Wednesday, July 31, 2013

ARIZONA WILD FIRE


I remember my first firefighter’s funeral. As a twenty-some year-old rookie fireman, it was a very poignant moment for me, but one I felt I had to witness because, for me, I felt it came with the territory. Silently, though, I hoped and prayed it would never be me. Yet you simply had to honor your dead, and there was a certain solemnity that went with it. After all, they had given all they had to give. I guess, at that moment, I felt that I would get acclimated to such events. That as time went on, the funerals would not be as moving as that first one was for me. That, somehow, you would harden to the tragedy that can only come out of such events. I was wrong. They only got worse from that day forward, because there was an accumulative action to my grief. Firefighters belong to a great fraternity. Whether you’re fighting fires in the heart of New York City, a small town in the back roads of America or somewhere in the wild forests of the West, you have one purpose in mind; to do what you can to safeguard the people and their property, and to always remember the oath you took to do just that.  For the most part, you are always revered for your efforts by others, but never more than when you didn’t come back to the station, and never, ever, more than when you paid that ultimate price.

Death is no stranger to firefighters. Thankfully, not often is it one of your own, but you do have to deal with it all the time. You have had to press your ear to the blackened, burnt lips of victims to try and hear those last words—coming from throats that are scorched beyond being able to talk any more. You have begged someone pinned in the front seat, of a crushed and mangled car, to stay with you for just a few more minutes so you can get him or her to the hospital. You have done C.P.R. until your arms ached, and all the time praying this drowned child in your arms would just please breath and live again because you can’t stand hearing her mother’s screams in the background. There are no strangers in this trade, for the minute you were called they became your victims to care for, and it got up close and personal in a hurry.

Somewhere in Arizona, hundreds of hearts are broken. Moms and Dads have lost their sons, wives have lost their soul mates, and the nightmare they prayed would never come to visit their house, is now here.

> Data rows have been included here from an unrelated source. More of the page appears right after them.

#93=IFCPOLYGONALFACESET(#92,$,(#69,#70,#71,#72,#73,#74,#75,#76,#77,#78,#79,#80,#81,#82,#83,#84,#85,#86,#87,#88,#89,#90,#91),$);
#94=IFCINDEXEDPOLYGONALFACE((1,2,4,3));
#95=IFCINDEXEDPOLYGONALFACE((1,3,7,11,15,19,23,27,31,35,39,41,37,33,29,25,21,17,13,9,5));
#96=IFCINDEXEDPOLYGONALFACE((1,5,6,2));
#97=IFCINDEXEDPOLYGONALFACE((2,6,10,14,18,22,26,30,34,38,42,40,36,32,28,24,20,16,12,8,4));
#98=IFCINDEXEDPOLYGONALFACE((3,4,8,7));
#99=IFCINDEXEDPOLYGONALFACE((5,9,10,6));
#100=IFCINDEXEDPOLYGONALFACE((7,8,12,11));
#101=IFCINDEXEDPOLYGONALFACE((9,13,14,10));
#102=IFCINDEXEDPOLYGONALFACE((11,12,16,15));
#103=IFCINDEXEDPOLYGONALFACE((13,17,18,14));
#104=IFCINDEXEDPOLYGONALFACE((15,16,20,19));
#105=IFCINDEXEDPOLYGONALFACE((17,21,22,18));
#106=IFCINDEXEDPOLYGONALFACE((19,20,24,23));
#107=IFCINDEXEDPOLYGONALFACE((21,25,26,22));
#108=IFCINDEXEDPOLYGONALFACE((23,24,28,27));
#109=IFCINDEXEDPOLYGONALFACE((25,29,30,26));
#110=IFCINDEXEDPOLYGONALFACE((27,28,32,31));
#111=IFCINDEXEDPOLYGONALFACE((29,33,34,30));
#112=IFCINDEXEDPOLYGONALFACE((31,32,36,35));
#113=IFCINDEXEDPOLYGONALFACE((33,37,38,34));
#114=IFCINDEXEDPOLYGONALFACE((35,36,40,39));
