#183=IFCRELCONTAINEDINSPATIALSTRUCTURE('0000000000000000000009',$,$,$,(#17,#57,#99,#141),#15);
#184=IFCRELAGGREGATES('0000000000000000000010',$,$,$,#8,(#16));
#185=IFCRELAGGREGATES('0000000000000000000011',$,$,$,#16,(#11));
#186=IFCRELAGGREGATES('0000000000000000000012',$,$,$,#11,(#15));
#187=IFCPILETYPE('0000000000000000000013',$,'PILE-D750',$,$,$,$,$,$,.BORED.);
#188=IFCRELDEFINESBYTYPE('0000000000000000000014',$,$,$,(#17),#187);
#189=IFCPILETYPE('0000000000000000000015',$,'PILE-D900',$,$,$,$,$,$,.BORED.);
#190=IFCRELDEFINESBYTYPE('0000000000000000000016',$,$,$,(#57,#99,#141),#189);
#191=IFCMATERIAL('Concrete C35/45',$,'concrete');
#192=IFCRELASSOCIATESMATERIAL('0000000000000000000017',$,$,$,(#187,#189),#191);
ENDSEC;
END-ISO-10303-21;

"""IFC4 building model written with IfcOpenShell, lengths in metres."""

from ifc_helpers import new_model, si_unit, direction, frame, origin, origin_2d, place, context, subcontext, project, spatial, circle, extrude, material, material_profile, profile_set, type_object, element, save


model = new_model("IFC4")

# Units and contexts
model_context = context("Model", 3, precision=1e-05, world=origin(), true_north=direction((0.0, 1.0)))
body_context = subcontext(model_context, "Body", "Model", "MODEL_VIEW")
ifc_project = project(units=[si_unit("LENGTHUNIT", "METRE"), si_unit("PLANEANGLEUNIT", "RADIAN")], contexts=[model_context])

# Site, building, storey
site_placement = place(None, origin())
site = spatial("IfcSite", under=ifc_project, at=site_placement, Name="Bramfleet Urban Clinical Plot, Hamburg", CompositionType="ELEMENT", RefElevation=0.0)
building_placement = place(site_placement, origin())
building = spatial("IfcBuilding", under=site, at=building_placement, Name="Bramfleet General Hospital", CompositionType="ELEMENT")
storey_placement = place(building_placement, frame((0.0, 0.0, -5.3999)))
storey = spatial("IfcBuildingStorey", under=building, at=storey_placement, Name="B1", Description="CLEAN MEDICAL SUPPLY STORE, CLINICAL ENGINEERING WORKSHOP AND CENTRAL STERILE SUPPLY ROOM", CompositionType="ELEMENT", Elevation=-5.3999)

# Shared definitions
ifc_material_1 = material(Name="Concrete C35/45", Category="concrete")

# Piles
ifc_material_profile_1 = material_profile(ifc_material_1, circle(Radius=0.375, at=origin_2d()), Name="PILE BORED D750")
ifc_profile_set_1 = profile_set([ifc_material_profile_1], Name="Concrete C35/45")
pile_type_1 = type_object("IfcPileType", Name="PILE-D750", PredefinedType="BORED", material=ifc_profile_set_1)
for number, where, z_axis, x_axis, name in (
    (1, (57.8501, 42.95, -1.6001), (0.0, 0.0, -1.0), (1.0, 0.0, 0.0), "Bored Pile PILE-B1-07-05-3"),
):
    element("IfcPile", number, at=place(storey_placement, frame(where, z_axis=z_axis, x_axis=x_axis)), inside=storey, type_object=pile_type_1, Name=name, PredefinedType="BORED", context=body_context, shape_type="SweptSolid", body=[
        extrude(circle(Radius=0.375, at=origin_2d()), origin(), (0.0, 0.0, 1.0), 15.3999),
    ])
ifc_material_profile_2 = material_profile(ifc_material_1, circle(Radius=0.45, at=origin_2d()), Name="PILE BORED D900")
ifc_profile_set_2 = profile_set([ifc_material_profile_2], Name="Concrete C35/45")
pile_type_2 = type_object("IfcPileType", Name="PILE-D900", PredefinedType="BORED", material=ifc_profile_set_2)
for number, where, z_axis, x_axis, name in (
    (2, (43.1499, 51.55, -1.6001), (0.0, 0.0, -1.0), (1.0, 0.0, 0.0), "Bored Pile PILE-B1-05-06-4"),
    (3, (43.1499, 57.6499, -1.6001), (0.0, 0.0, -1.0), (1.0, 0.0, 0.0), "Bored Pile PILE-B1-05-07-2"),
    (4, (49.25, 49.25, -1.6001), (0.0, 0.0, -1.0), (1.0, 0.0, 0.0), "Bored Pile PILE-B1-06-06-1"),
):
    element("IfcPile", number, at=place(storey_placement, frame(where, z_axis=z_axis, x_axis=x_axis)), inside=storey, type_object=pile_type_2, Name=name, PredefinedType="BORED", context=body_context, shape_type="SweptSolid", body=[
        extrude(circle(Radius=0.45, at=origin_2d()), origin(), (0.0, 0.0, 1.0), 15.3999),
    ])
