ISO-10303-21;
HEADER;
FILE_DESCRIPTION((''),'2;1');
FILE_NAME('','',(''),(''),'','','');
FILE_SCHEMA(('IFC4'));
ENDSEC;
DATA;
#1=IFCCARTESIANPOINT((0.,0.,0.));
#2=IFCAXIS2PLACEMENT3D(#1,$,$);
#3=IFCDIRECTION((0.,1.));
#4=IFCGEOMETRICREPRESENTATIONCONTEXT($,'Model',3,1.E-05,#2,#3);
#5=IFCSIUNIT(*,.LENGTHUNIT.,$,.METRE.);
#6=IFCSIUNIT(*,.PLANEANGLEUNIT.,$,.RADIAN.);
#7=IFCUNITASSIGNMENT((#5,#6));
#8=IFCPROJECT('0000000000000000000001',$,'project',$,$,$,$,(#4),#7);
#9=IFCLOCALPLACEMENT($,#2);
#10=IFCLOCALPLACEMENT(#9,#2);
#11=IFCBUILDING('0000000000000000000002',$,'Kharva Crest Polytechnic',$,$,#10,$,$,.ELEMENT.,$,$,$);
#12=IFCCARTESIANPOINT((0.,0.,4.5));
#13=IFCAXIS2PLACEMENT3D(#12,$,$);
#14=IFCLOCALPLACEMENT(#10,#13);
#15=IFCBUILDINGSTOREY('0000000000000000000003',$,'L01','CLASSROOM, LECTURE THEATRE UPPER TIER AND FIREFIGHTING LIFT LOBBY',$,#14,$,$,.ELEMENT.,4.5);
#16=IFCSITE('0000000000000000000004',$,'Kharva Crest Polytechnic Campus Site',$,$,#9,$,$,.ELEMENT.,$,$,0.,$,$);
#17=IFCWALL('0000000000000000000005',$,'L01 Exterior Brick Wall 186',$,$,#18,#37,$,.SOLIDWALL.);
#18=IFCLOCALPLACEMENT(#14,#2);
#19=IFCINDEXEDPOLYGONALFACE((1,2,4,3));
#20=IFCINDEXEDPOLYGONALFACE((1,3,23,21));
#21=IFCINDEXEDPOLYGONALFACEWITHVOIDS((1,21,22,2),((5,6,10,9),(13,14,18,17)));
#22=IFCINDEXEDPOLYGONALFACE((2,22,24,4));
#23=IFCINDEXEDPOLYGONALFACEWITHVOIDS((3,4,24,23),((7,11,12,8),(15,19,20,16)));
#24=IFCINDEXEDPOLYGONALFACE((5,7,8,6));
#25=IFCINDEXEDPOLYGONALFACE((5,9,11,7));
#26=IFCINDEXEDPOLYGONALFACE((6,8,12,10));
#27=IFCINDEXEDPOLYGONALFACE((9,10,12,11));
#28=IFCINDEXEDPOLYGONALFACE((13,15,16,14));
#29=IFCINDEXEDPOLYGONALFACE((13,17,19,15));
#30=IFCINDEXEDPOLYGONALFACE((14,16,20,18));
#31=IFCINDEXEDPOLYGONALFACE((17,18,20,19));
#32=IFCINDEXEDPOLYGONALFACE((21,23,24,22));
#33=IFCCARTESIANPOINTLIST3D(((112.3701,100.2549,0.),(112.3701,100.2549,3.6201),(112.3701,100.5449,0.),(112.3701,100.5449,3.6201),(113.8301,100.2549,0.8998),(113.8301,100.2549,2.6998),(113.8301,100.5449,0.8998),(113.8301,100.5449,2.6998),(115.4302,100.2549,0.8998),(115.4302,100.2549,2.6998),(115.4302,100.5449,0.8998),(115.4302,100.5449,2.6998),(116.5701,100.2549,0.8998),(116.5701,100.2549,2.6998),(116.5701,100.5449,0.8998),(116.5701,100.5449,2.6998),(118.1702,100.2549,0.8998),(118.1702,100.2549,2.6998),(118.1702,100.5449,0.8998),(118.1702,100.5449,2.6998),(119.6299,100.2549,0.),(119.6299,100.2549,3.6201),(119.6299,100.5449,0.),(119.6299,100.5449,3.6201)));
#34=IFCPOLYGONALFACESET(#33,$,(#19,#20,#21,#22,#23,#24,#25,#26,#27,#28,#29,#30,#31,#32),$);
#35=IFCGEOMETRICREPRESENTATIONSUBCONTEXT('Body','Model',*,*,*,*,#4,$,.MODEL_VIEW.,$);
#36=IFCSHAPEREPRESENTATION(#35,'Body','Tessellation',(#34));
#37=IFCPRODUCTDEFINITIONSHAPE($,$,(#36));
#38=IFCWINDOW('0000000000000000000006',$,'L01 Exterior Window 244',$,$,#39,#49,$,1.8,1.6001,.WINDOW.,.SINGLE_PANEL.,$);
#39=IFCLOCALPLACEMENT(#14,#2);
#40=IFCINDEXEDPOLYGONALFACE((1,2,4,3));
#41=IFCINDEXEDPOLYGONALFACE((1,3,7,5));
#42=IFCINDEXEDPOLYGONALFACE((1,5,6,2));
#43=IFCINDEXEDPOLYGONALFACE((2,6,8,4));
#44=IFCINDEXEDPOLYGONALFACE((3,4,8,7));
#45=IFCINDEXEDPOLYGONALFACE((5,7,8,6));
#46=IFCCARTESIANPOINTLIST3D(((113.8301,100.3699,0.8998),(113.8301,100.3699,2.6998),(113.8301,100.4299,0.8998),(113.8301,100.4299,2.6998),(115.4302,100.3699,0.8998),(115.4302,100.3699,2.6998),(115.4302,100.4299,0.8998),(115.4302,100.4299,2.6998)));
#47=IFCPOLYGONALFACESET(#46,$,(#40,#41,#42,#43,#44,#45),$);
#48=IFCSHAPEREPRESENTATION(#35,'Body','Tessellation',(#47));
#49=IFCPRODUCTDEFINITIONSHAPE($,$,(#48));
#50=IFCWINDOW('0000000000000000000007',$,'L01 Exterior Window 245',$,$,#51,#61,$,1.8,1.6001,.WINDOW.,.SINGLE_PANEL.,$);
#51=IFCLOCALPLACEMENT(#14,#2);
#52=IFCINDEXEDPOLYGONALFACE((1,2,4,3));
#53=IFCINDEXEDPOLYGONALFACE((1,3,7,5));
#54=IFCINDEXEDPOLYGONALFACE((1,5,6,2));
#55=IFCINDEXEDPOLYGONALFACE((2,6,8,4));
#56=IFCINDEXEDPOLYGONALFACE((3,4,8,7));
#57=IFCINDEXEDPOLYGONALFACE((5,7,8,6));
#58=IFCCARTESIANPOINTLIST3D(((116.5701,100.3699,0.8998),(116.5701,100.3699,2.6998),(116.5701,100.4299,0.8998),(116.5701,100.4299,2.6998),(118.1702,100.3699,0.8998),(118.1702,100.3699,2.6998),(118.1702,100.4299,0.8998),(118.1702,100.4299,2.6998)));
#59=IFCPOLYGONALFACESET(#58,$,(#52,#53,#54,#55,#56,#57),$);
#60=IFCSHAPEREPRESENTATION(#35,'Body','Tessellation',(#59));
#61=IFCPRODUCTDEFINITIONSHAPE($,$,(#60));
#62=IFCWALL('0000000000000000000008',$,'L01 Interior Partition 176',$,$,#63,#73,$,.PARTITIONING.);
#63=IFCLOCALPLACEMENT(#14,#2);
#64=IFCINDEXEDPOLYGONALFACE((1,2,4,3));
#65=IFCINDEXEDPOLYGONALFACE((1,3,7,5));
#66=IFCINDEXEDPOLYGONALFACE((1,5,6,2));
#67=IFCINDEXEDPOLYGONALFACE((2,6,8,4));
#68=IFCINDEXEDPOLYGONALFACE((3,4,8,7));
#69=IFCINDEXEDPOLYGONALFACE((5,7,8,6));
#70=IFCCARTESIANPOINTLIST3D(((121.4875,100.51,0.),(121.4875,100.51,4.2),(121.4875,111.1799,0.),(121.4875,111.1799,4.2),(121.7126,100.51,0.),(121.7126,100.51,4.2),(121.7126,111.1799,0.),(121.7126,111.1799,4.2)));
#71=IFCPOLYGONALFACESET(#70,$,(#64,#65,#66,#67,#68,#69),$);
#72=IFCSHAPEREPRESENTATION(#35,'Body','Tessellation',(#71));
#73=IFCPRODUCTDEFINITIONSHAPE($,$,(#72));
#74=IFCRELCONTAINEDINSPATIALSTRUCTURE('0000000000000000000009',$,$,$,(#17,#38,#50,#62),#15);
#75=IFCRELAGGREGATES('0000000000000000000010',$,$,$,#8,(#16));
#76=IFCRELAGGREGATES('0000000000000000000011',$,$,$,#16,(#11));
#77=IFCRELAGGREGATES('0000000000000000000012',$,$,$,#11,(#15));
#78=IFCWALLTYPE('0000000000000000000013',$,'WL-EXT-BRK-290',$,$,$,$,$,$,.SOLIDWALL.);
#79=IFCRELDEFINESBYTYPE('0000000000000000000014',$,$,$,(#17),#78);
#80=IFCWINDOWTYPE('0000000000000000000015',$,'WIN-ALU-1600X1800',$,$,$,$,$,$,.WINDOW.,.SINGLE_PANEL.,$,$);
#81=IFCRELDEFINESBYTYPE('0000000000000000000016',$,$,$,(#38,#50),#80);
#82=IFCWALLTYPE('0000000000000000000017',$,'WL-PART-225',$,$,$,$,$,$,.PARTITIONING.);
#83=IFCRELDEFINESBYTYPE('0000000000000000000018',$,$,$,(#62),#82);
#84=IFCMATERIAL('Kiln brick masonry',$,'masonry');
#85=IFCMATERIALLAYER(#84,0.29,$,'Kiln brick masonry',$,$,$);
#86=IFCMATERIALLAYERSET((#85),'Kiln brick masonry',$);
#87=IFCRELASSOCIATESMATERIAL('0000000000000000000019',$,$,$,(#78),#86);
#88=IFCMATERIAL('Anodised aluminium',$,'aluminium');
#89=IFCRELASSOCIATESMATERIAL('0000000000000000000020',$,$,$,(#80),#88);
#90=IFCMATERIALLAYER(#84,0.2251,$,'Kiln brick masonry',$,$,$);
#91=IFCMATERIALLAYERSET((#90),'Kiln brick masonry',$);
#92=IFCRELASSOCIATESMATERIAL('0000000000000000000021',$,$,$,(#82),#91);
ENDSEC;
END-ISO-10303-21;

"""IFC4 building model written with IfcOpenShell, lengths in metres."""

from ifc_helpers import new_model, si_unit, direction, frame, frame_2d, origin, place, context, subcontext, project, spatial, rectangle, extrude, material, layer, layer_set, type_object, element, fill, save


model = new_model("IFC4")

# Units and contexts
model_context = context("Model", 3, precision=1e-05, world=origin(), true_north=direction((0.0, 1.0)))
body_context = subcontext(model_context, "Body", "Model", "MODEL_VIEW")
ifc_project = project(units=[si_unit("LENGTHUNIT", "METRE"), si_unit("PLANEANGLEUNIT", "RADIAN")], contexts=[model_context])

# Site, building, storey
site_placement = place(None, origin())
site = spatial("IfcSite", under=ifc_project, at=site_placement, Name="Kharva Crest Polytechnic Campus Site", CompositionType="ELEMENT", RefElevation=0.0)
building_placement = place(site_placement, origin())
building = spatial("IfcBuilding", under=site, at=building_placement, Name="Kharva Crest Polytechnic", CompositionType="ELEMENT")
storey_placement = place(building_placement, frame((0.0, 0.0, 4.5)))
storey = spatial("IfcBuildingStorey", under=building, at=storey_placement, Name="L01", Description="CLASSROOM, LECTURE THEATRE UPPER TIER AND FIREFIGHTING LIFT LOBBY", CompositionType="ELEMENT", Elevation=4.5)

# Shared definitions
ifc_material_1 = material(Name="Kiln brick masonry", Category="masonry")
ifc_material_2 = material(Name="Anodised aluminium", Category="aluminium")

# Wall, openings, windows
ifc_layer_1 = layer(ifc_material_1, 0.29, Name="Kiln brick masonry")
ifc_layer_set_1 = layer_set([ifc_layer_1], Name="Kiln brick masonry")
wall_type_1 = type_object("IfcWallType", Name="WL-EXT-BRK-290", PredefinedType="SOLIDWALL", material=ifc_layer_set_1)
wall_1_placement = place(storey_placement, frame((112.3701, 100.3999, 0.0), z_axis=(0.0, 0.0, 1.0), x_axis=(1.0, 0.0, 0.0)))
wall_1 = element("IfcWall", 1, at=wall_1_placement, inside=storey, type_object=wall_type_1, Name="L01 Exterior Brick Wall 186", PredefinedType="SOLIDWALL", context=body_context, shape_type="SweptSolid", body=[
    extrude(rectangle(XDim=7.2598, YDim=0.29, at=frame_2d((3.6299, 0.0))), origin(), (0.0, 0.0, 1.0), 3.6201),
])
opening_1_placement = place(wall_1_placement, frame((1.46, 0.0, 0.8999)))
opening_1 = element("IfcOpeningElement", 2, at=opening_1_placement, cuts=wall_1, PredefinedType="OPENING", context=body_context, shape_type="SweptSolid", body=[
    extrude(rectangle(XDim=1.6001, YDim=1.8, at=frame_2d((0.8, 0.8999))), frame((0.0, 0.155, 0.0), z_axis=(0.0, -1.0, 0.0), x_axis=(1.0, 0.0, 0.0)), (0.0, 0.0, 1.0), 0.3101),
])
opening_2_placement = place(wall_1_placement, frame((4.2, 0.0, 0.8999)))
opening_2 = element("IfcOpeningElement", 3, at=opening_2_placement, cuts=wall_1, PredefinedType="OPENING", context=body_context, shape_type="SweptSolid", body=[
    extrude(rectangle(XDim=1.6001, YDim=1.8, at=frame_2d((0.8, 0.8999))), frame((0.0, 0.155, 0.0), z_axis=(0.0, -1.0, 0.0), x_axis=(1.0, 0.0, 0.0)), (0.0, 0.0, 1.0), 0.3101),
])
window_type = type_object("IfcWindowType", Name="WIN-ALU-1600X1800", PartitioningType="SINGLE_PANEL", PredefinedType="WINDOW", material=ifc_material_2)
window_1_placement = place(opening_1_placement, origin())
window_1 = element("IfcWindow", 4, at=window_1_placement, inside=storey, type_object=window_type, Name="L01 Exterior Window 244", OverallHeight=1.8, OverallWidth=1.6001, PartitioningType="SINGLE_PANEL", PredefinedType="WINDOW", context=body_context, shape_type="SweptSolid", body=[
    extrude(rectangle(XDim=1.6001, YDim=1.8, at=frame_2d((0.8, 0.8999))), frame((0.0, 0.03, 0.0), z_axis=(0.0, -1.0, 0.0), x_axis=(1.0, 0.0, 0.0)), (0.0, 0.0, 1.0), 0.0601),
])
fill(opening_1, window_1)
window_2_placement = place(opening_2_placement, origin())
window_2 = element("IfcWindow", 5, at=window_2_placement, inside=storey, type_object=window_type, Name="L01 Exterior Window 245", OverallHeight=1.8, OverallWidth=1.6001, PartitioningType="SINGLE_PANEL", PredefinedType="WINDOW", context=body_context, shape_type="SweptSolid", body=[
    extrude(rectangle(XDim=1.6001, YDim=1.8, at=frame_2d((0.8, 0.8999))), frame((0.0, 0.03, 0.0), z_axis=(0.0, -1.0, 0.0), x_axis=(1.0, 0.0, 0.0)), (0.0, 0.0, 1.0), 0.0601),
])
fill(opening_2, window_2)

# Wall
ifc_layer_2 = layer(ifc_material_1, 0.2251, Name="Kiln brick masonry")
ifc_layer_set_2 = layer_set([ifc_layer_2], Name="Kiln brick masonry")
wall_type_2 = type_object("IfcWallType", Name="WL-PART-225", PredefinedType="PARTITIONING", material=ifc_layer_set_2)
wall_2_placement = place(storey_placement, frame((121.6001, 100.51, 0.0), z_axis=(0.0, 0.0, 1.0), x_axis=(0.0, 1.0, 0.0)))
element("IfcWall", 6, at=wall_2_placement, inside=storey, type_object=wall_type_2, Name="L01 Interior Partition 176", PredefinedType="PARTITIONING", context=body_context, shape_type="SweptSolid", body=[
    extrude(rectangle(XDim=10.6699, YDim=0.2251, at=frame_2d((5.335, 0.0))), origin(), (0.0, 0.0, 1.0), 4.2),
])

save(model, "model.ifc")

Children, who only days ago tried on their dad’s boots and helmet and wanted their picture taken, can’t understand why daddy is never coming home. In the tiny town of Prescott, where the ‘Granite Mountain Hotshots’ came from, a black cloud has descended over the station they left that day. All that’s left are their vehicles in the parking lot and their possessions in their lockers. Flowers and memorials sit outside the fence in silent respect.

Sometime in the future, nineteen rookie firefighters will once again fill the Hotshot ranks. For you see, fire takes no holiday and waits for no one. Life—as that fire station once knew it—will begin again. Then, bells will ring and a plume of smoke on some far away mountain will be calling them in once more. On the hill where they died, new plants will have bloomed and new houses will be going up. Soon, no one will know there was ever a fire. No one, that is, but the Granite Mountain Hotshots and those who loved them.